Important molecular descriptors used for establishing quantitative structure-activity relationships are investigated to classify similar versus dissimilar peptides. When searching new lead structures, synthesizing and testing compounds which are too similar wastes time and resources. In contrast, any lead optimization program requires the investigation of similar compounds to that lead. Thus, it is important to maximize or minimize the structural diversity of peptides to design useful compound libraries for lead finding or lead refinement projects.

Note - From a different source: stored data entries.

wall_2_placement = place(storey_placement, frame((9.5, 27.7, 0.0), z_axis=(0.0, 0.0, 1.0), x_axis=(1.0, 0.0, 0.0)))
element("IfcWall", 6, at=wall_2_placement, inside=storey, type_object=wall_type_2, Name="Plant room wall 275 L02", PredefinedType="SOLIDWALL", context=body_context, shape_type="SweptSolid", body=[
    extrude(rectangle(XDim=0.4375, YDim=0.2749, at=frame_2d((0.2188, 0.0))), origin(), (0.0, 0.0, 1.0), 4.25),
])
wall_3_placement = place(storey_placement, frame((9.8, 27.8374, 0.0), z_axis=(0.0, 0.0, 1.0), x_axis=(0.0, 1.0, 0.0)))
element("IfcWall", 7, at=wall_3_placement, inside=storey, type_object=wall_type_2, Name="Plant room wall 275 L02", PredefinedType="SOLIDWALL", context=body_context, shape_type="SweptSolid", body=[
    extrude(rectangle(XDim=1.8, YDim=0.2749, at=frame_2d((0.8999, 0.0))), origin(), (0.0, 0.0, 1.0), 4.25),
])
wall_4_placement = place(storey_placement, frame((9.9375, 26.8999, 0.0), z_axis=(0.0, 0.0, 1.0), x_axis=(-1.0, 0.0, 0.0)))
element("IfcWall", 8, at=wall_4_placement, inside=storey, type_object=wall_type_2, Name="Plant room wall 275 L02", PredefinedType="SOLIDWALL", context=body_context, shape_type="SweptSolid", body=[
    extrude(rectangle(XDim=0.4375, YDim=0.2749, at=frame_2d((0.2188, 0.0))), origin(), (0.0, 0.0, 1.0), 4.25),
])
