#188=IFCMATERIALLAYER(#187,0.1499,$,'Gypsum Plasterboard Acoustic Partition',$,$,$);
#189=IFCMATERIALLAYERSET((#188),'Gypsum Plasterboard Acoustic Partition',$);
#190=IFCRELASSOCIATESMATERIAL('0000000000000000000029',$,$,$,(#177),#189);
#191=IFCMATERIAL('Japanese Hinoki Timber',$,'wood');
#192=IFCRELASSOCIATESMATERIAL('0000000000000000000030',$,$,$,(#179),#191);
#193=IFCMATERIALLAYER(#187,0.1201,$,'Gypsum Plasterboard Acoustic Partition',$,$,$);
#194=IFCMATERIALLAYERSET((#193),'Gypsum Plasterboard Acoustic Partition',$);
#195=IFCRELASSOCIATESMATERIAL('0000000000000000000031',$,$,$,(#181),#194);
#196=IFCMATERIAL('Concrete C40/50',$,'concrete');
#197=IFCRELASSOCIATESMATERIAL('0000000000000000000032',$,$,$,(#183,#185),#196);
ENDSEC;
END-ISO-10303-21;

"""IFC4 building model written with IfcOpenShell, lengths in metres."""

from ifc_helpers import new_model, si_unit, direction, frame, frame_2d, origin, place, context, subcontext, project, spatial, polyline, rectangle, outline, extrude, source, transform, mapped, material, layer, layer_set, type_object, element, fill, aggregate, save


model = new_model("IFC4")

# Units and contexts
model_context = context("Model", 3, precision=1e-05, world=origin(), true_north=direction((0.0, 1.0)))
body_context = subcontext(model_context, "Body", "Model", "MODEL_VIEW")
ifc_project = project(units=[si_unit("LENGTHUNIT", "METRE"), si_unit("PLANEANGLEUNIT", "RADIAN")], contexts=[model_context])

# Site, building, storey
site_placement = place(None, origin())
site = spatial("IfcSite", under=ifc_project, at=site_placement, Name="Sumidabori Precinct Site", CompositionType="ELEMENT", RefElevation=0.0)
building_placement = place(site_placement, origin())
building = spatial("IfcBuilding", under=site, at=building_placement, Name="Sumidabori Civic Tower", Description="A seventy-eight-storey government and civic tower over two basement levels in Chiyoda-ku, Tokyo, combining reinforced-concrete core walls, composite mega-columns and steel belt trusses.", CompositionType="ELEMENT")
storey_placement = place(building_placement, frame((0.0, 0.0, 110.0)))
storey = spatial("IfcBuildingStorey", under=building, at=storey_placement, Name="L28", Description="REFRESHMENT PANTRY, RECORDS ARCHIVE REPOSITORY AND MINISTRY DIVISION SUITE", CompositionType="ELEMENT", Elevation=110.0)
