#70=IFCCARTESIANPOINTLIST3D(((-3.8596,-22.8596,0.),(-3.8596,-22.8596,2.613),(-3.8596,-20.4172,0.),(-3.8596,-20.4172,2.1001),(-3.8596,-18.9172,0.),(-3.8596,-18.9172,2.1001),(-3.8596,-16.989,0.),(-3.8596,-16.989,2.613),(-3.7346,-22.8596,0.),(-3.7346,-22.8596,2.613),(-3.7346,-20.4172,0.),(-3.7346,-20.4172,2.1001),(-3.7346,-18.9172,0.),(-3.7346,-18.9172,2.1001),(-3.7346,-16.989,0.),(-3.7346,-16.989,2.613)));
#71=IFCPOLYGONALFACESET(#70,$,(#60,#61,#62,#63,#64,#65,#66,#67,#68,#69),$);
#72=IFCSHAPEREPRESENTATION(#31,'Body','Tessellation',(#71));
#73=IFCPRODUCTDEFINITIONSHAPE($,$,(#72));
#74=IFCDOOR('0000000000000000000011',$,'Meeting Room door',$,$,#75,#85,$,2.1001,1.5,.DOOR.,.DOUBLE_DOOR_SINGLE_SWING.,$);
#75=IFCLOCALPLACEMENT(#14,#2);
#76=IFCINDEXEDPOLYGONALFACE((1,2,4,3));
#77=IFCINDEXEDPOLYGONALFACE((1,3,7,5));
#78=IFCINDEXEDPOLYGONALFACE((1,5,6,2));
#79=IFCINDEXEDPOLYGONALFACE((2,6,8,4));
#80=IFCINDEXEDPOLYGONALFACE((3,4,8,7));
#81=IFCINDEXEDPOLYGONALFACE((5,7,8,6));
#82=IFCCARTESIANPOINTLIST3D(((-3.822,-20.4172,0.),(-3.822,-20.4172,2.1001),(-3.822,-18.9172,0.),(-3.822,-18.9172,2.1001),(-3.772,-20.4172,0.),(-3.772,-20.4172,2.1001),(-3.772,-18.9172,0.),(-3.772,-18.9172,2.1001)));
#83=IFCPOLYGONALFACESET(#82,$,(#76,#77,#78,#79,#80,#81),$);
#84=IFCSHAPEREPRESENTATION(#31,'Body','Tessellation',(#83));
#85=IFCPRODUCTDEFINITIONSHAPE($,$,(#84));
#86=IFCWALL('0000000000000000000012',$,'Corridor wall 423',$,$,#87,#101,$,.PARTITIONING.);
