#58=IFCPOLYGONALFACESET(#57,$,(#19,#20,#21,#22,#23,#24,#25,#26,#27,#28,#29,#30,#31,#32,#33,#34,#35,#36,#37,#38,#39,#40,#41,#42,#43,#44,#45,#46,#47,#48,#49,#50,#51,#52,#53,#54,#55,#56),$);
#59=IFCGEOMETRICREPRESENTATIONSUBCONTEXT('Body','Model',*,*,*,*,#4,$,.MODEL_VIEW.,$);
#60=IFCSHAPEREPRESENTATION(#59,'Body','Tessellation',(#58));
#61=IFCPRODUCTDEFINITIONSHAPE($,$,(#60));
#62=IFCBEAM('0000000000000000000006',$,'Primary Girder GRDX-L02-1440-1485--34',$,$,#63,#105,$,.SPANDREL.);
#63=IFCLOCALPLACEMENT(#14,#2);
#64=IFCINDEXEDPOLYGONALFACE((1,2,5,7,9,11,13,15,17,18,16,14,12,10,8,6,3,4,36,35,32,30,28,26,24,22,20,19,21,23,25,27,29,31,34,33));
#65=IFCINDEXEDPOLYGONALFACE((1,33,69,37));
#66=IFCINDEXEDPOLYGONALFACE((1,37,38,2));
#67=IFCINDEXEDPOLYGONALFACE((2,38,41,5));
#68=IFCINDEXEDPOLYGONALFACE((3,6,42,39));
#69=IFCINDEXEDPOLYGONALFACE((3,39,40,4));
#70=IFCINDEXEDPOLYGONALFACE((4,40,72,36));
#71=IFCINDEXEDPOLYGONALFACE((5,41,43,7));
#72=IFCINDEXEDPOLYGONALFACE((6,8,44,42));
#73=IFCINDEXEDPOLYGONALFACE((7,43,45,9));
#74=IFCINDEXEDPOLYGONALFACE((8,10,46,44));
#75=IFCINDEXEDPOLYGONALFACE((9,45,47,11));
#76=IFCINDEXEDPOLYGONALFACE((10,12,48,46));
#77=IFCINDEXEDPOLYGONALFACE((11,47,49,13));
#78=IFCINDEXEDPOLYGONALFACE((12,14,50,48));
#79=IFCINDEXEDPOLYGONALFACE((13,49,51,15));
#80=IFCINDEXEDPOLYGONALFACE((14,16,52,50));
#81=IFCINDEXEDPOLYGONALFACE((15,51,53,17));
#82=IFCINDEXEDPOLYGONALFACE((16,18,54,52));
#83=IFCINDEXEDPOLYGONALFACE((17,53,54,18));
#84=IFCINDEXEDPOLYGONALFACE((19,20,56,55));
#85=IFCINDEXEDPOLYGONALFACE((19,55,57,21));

If a molecular descriptor is a useful measure of similarity for the design of peptide libraries, small differences in this descriptor for a pair of molecules should only translate into small biological differences. Using this paradigm as a basis for descriptor validation, it was possible to rank different molecular descriptors. Those physicochemical descriptors are 2D fingerprints and five experimentally or theoretically derived principal property scales. Some theoretically derived metrics are obtained by computing interaction energies or similarity indices on predefined 3D grid points using canonical conformations for individual amino acids. The resulting 3D data matrices are analyzed using a principal component analysis leading to three principal properties for CoMFA (Comparative Molecular Field Analysis) or CoMSIA (Comparative Molecular Similarity Index Analysis) derived molecular fields.
The descriptor validation results reveal the applicability of design tools on peptide data sets. Experimentally derived descriptors, in general, are more acceptable than computationally derived metrics, while the latter provide a statistically valid alternative to characterize novel building blocks. The CoMSIA metrics perform slightly better than the CoMFA-based principal properties, while GRID-based descriptors are always less acceptable.